The laboratory of Dr. James Wells explores the molecular basis for programmed cell death (Rettenmaier et al., Proc Natl Acad Sci USA, 2014; Wells et al., Science, 2014). In dissecting programmed pathways, he has defined several crucial components leading to cell death, including the roles of chemical fibrils and small-molecule peptide docking motifs (Julien et al., Nat Chem Biol, 2014).

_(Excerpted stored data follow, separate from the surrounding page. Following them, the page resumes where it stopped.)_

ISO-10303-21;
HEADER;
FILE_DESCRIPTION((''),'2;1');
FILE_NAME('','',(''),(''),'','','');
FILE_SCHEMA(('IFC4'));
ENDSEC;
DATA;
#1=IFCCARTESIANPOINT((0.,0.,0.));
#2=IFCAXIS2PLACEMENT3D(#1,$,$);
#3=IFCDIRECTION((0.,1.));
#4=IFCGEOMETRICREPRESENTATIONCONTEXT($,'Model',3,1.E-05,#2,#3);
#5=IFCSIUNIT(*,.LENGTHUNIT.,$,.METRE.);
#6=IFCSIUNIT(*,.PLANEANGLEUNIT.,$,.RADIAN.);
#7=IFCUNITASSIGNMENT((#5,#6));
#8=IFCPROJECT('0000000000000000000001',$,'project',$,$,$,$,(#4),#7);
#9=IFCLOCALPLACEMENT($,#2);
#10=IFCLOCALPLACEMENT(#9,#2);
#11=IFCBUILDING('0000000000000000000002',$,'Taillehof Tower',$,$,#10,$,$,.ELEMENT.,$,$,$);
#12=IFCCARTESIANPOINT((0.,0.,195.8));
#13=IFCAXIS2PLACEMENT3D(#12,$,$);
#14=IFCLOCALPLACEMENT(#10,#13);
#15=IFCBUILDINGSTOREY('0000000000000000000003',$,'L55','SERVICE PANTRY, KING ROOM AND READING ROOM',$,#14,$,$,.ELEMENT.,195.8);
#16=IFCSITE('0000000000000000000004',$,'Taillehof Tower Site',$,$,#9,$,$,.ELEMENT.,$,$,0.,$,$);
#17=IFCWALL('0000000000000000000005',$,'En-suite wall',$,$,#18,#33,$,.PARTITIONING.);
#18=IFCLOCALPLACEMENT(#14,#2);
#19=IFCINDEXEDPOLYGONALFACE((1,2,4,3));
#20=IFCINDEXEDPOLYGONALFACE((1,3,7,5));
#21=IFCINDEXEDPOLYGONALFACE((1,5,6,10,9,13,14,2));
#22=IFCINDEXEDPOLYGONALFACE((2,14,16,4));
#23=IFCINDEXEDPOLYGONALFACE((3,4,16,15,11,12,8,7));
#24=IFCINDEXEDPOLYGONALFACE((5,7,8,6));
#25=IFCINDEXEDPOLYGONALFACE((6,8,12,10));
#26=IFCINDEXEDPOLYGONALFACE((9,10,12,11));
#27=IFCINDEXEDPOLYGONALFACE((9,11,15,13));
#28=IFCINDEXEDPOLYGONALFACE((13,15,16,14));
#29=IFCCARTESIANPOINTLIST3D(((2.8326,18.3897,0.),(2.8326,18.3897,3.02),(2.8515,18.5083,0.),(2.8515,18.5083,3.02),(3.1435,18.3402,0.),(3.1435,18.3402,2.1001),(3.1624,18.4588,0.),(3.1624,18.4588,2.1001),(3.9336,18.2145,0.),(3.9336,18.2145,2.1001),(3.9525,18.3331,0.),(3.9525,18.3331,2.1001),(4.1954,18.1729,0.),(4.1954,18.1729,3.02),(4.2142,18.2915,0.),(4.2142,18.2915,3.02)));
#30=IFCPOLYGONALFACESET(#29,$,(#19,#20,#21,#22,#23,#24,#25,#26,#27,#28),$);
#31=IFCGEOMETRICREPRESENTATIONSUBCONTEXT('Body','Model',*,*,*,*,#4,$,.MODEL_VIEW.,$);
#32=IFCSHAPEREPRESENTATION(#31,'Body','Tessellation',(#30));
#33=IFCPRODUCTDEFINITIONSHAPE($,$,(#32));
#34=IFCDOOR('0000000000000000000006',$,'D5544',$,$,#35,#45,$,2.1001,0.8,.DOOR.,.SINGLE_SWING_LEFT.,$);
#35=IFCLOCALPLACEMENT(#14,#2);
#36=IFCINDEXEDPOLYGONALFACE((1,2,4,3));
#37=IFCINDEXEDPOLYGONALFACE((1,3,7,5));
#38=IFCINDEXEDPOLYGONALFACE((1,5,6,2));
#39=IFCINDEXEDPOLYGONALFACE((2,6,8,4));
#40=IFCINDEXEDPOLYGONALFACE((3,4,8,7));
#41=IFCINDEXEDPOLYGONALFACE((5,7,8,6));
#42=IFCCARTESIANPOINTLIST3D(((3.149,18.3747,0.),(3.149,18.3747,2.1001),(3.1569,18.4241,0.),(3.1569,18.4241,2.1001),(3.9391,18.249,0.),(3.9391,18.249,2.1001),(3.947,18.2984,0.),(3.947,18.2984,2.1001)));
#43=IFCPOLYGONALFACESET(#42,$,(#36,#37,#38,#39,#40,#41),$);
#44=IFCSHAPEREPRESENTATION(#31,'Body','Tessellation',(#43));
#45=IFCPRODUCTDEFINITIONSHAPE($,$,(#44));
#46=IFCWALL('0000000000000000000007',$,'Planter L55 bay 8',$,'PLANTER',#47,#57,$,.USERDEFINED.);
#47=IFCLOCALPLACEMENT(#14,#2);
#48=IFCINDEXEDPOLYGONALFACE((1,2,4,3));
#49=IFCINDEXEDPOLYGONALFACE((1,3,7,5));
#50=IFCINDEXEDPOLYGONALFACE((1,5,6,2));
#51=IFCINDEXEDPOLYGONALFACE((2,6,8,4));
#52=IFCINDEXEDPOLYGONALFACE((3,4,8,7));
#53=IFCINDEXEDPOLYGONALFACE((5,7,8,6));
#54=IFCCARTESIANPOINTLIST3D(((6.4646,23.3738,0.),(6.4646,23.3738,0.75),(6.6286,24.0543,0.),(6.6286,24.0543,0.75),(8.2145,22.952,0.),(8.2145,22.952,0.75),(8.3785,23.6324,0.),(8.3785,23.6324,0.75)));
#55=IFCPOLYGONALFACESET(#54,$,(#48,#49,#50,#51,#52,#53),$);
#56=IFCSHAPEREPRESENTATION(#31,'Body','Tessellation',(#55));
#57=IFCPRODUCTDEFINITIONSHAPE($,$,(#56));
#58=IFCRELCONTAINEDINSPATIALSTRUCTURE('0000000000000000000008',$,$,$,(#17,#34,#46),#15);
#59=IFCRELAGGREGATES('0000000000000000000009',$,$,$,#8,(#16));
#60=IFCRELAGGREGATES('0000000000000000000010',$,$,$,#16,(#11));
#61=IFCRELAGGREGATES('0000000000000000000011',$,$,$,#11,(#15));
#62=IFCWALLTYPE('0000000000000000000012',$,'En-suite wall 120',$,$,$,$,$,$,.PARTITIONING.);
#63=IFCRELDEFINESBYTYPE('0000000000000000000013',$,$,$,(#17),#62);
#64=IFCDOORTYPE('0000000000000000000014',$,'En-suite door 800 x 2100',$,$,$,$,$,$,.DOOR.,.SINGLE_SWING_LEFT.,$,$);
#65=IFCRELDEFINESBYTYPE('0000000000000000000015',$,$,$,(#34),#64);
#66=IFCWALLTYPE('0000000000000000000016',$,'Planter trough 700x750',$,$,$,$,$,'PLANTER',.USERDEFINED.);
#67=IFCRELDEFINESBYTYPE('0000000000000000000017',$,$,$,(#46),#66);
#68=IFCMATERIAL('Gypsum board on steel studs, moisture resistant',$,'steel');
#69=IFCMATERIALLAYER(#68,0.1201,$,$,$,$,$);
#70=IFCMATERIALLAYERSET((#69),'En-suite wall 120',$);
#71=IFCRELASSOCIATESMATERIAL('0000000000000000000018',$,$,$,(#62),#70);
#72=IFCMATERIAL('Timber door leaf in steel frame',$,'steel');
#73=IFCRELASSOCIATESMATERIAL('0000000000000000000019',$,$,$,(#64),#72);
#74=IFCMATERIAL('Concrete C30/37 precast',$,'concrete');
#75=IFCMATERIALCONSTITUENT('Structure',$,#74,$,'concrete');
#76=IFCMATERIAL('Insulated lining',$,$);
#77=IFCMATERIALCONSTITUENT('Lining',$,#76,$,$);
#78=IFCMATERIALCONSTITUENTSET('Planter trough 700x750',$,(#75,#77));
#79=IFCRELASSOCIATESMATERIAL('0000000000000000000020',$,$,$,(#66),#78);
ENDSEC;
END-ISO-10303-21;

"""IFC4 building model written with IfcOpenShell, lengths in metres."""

from ifc_helpers import new_model, si_unit, direction, frame, frame_2d, origin, place, context, subcontext, project, spatial, rectangle, extrude, material, layer, layer_set, constituent, constituent_set, type_object, element, fill, save


model = new_model("IFC4")

# Units and contexts
model_context = context("Model", 3, precision=1e-05, world=origin(), true_north=direction((0.0, 1.0)))
body_context = subcontext(model_context, "Body", "Model", "MODEL_VIEW")
ifc_project = project(units=[si_unit("LENGTHUNIT", "METRE"), si_unit("PLANEANGLEUNIT", "RADIAN")], contexts=[model_context])

# Site, building, storey
site_placement = place(None, origin())
site = spatial("IfcSite", under=ifc_project, at=site_placement, Name="Taillehof Tower Site", CompositionType="ELEMENT", RefElevation=0.0)
building_placement = place(site_placement, origin())
building = spatial("IfcBuilding", under=site, at=building_placement, Name="Taillehof Tower", CompositionType="ELEMENT")
storey_placement = place(building_placement, frame((0.0, 0.0, 195.8)))
storey = spatial("IfcBuildingStorey", under=building, at=storey_placement, Name="L55", Description="SERVICE PANTRY, KING ROOM AND READING ROOM", CompositionType="ELEMENT", Elevation=195.8)

# Shared definitions
ifc_material_1 = material(Name="Gypsum board on steel studs, moisture resistant", Category="steel")
ifc_layer_1 = layer(ifc_material_1, 0.1201)
ifc_layer_set_1 = layer_set([ifc_layer_1], Name="En-suite wall 120")
wall_type_1 = type_object("IfcWallType", Name="En-suite wall 120", PredefinedType="PARTITIONING", material=ifc_layer_set_1)

# Wall, opening, door
wall_1_placement = place(storey_placement, frame((2.842, 18.449, 0.0), z_axis=(0.0, 0.0, 1.0), x_axis=(0.987582, -0.157107, 0.0)))
wall_1 = element("IfcWall", 1, at=wall_1_placement, inside=storey, type_object=wall_type_1, Name="En-suite wall", PredefinedType="PARTITIONING", context=body_context, shape_type="SweptSolid", body=[
    extrude(rectangle(XDim=1.3799, YDim=0.1201, at=frame_2d((0.6899, 0.0))), origin(), (0.0, 0.0, 1.0), 3.02),
])
opening_1_placement = place(wall_1_placement, frame((0.3149, 0.0, 0.0)))
opening_1 = element("IfcOpeningElement", 2, at=opening_1_placement, cuts=wall_1, PredefinedType="OPENING", context=body_context, shape_type="SweptSolid", body=[
    extrude(rectangle(XDim=0.8, YDim=2.1001, at=frame_2d((0.3999, 1.05))), frame((0.0, 0.0701, 0.0), z_axis=(0.0, -1.0, 0.0), x_axis=(1.0, 0.0, 0.0)), (0.0, 0.0, 1.0), 0.1401),
])
ifc_material_2 = material(Name="Timber door leaf in steel frame", Category="steel")
door_type_1 = type_object("IfcDoorType", Name="En-suite door 800 x 2100", OperationType="SINGLE_SWING_LEFT", PredefinedType="DOOR", material=ifc_material_2)
door_1_placement = place(opening_1_placement, origin())
door_1 = element("IfcDoor", 3, at=door_1_placement, inside=storey, type_object=door_type_1, Name="D5544", OperationType="SINGLE_SWING_LEFT", OverallHeight=2.1001, OverallWidth=0.8, PredefinedType="DOOR", context=body_context, shape_type="SweptSolid", body=[
    extrude(rectangle(XDim=0.8, YDim=2.1001, at=frame_2d((0.3999, 1.05))), frame((0.0, 0.0249, 0.0), z_axis=(0.0, -1.0, 0.0), x_axis=(1.0, 0.0, 0.0)), (0.0, 0.0, 1.0), 0.05),
])
fill(opening_1, door_1)

# Wall
ifc_material_3 = material(Name="Concrete C30/37 precast", Category="concrete")
ifc_constituent_1 = constituent(ifc_material_3, Name="Structure", Category="concrete")
ifc_material_4 = material(Name="Insulated lining")
ifc_constituent_2 = constituent(ifc_material_4, Name="Lining")
ifc_constituent_set = constituent_set(constituents=[ifc_constituent_1, ifc_constituent_2], Name="Planter trough 700x750")
wall_type_2 = type_object("IfcWallType", Name="Planter trough 700x750", ElementType="PLANTER", PredefinedType="USERDEFINED", material=ifc_constituent_set)
wall_2_placement = place(storey_placement, frame((8.2964, 23.2922, 0.0), z_axis=(0.0, 0.0, 1.0), x_axis=(-0.97215, 0.234358, 0.0)))
element("IfcWall", 4, at=wall_2_placement, inside=storey, type_object=wall_type_2, Name="Planter L55 bay 8", ObjectType="PLANTER", PredefinedType="USERDEFINED", context=body_context, shape_type="SweptSolid", body=[
    extrude(rectangle(XDim=1.8, YDim=0.7, at=frame_2d((0.8999, 0.0))), origin(), (0.0, 0.0, 1.0), 0.75),
])

save(model, "model.ifc")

Dr. Mark Moasser’s work on the role of HER3 in cell death, tumor perfusion, and drug resistance has been explored in three clinical trials testing a monoclonal antibody against HER3, high doses of lapatinib, and a highly potent HER2 / HER3 inhibitor. This trial is a collaboration between the Developmental Therapeutics and Breast Oncology Programs and has been presented over the past year (Chien et al., J Clin Oncol, 2014). Dr. Ajay Jain continues to make significant advances in computational drug discovery using high-throughput computational screening for the discovery of promising small molecules for modulation of specific biological targets. His work allows for better prediction of off-target effects of drugs using data fusion evaluation (Yera et al., Pac Symp Biocomput, 2014).

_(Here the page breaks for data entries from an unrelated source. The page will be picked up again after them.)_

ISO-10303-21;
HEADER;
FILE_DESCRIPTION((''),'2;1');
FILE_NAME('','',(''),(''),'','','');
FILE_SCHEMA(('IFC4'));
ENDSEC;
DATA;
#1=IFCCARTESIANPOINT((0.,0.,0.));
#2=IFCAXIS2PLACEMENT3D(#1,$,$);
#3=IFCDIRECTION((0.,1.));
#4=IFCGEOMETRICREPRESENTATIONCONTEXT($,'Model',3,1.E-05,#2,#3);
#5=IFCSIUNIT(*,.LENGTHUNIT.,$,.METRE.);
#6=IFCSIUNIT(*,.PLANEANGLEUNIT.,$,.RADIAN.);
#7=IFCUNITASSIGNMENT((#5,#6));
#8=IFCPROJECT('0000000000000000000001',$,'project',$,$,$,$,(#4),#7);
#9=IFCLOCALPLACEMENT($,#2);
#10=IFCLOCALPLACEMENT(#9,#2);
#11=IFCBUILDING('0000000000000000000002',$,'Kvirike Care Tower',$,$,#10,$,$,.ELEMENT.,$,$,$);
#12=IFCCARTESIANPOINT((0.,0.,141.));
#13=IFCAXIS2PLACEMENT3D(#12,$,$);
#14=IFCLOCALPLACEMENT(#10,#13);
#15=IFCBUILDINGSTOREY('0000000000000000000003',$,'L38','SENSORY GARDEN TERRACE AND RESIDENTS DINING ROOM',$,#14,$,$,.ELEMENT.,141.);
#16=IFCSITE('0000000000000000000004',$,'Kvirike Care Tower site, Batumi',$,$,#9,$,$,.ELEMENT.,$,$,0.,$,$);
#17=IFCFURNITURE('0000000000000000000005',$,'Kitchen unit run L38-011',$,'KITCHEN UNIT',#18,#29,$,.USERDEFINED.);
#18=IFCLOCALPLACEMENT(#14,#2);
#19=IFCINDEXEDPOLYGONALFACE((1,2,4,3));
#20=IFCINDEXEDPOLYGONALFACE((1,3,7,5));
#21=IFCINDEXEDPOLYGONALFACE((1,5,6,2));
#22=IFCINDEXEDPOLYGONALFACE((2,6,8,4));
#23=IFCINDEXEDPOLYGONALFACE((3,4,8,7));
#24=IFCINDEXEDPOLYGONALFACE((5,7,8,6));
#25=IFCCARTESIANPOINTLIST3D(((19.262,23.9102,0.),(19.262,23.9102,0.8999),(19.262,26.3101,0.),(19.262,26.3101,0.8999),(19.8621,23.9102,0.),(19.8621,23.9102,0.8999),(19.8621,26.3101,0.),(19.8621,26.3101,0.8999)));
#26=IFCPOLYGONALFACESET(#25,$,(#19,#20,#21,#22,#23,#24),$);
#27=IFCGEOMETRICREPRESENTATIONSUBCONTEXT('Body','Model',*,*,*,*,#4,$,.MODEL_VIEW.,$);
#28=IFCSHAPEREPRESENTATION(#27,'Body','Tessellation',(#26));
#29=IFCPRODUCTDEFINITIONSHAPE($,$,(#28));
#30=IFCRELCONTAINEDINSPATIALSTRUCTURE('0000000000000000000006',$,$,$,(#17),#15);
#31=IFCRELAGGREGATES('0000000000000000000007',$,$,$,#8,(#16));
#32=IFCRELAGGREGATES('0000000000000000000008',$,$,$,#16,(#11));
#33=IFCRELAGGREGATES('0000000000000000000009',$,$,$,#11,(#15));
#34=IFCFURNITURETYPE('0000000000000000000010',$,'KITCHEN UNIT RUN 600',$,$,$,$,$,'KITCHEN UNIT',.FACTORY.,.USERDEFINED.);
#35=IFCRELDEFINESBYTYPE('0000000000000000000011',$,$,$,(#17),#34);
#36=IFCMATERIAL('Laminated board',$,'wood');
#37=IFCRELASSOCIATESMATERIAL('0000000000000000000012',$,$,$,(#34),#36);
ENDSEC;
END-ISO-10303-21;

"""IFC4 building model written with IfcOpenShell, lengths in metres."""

from ifc_helpers import new_model, si_unit, direction, frame, origin, origin_2d, place, context, subcontext, project, spatial, rectangle, extrude, material, type_object, element, save


model = new_model("IFC4")

# Units and contexts
model_context = context("Model", 3, precision=1e-05, world=origin(), true_north=direction((0.0, 1.0)))
body_context = subcontext(model_context, "Body", "Model", "MODEL_VIEW")
ifc_project = project(units=[si_unit("LENGTHUNIT", "METRE"), si_unit("PLANEANGLEUNIT", "RADIAN")], contexts=[model_context])

# Site, building, storey
site_placement = place(None, origin())
site = spatial("IfcSite", under=ifc_project, at=site_placement, Name="Kvirike Care Tower site, Batumi", CompositionType="ELEMENT", RefElevation=0.0)
building_placement = place(site_placement, origin())
building = spatial("IfcBuilding", under=site, at=building_placement, Name="Kvirike Care Tower", CompositionType="ELEMENT")
storey_placement = place(building_placement, frame((0.0, 0.0, 141.0)))
storey = spatial("IfcBuildingStorey", under=building, at=storey_placement, Name="L38", Description="SENSORY GARDEN TERRACE AND RESIDENTS DINING ROOM", CompositionType="ELEMENT", Elevation=141.0)

# Furniture
ifc_material_1 = material(Name="Laminated board", Category="wood")
furniture_type = type_object("IfcFurnitureType", Name="KITCHEN UNIT RUN 600", ElementType="KITCHEN UNIT", AssemblyPlace="FACTORY", PredefinedType="USERDEFINED", material=ifc_material_1)
furniture_placement = place(storey_placement, frame((19.562, 25.1101, 0.0), z_axis=(0.0, 0.0, 1.0), x_axis=(0.0, 1.0, 0.0)))
element("IfcFurniture", 1, at=furniture_placement, inside=storey, type_object=furniture_type, Name="Kitchen unit run L38-011", ObjectType="KITCHEN UNIT", PredefinedType="USERDEFINED", context=body_context, shape_type="SweptSolid", body=[
    extrude(rectangle(XDim=2.3999, YDim=0.6001, at=origin_2d()), origin(), (0.0, 0.0, 1.0), 0.8999),
])

save(model, "model.ifc")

Drs. Neil Shah and Kevan Shokat collaborated and reported a novel chemical strategy for treating Acute Myeloid Leukemia (AML): they selectively inhibited FLT3 while avoiding KIT inhibition using the staurosporine analog, Star-27. Star-27 maintains potency against FLT3 in proliferation assays of FLT3-transformed cells compared to KIT-transformed cells, shows no toxicity towards normal human hematopoiesis at concentrations that inhibit primary FLT3-mutant AML blast growth, and is active against mutations that confer resistance to clinical inhibitors (Warkentin et al., Elife, 2014). In further studies, Drs. Charlie Craik and Shah developed plasmon ruler nanosensors to monitor apoptosis in leukemias (Tajon et al., ACS Nano, 2014).
Dr. Frank Szoka’s lab continues to use novel approaches to devise vaccine, drug, and nucleic acid delivery systems to treat cancer. In a recent study, the group showed that fusion of a short immunoglobulin-binding peptides to recombinant proteins can substantially prolong their half lives (Sockolosky et al., PLoS One, 2014). In collaboration with the thoracic oncology group, Dr. David Jablons has identified recurrent FGFR3-TACC3 fusion oncogenes in lung adenocarcinoma (Capelletti et al., Clin Cancer Res, 2014).
A collaboration between the Developmental Therapeutics and Hematological Malignancies Programs (Martin, Rubenstein, and Munster) has shown that CD38 inhibition in myeloma is a valuable target (presented at ASH 2014). Dr. Rubenstein has shown that intrathecal administration of rituximab is effective in CNS lymphomas via Complement activation (Kadoch et al., Clin Cancer Res, 2014).
Major findings from Dr. Deanna Kroetz’s laboratory in breast cancer pharmacogenomic studies include the identification of additional candidate genes and pathways as predictors of taxane-induced peripheral neuropathy. The collaboration with CALGB revealed that inheritance of paclitaxel-induced sensory peripheral neuropathy is driven by axon outgrowth gene sets (Chhibber et al., Pharmacogenomics J, 2014).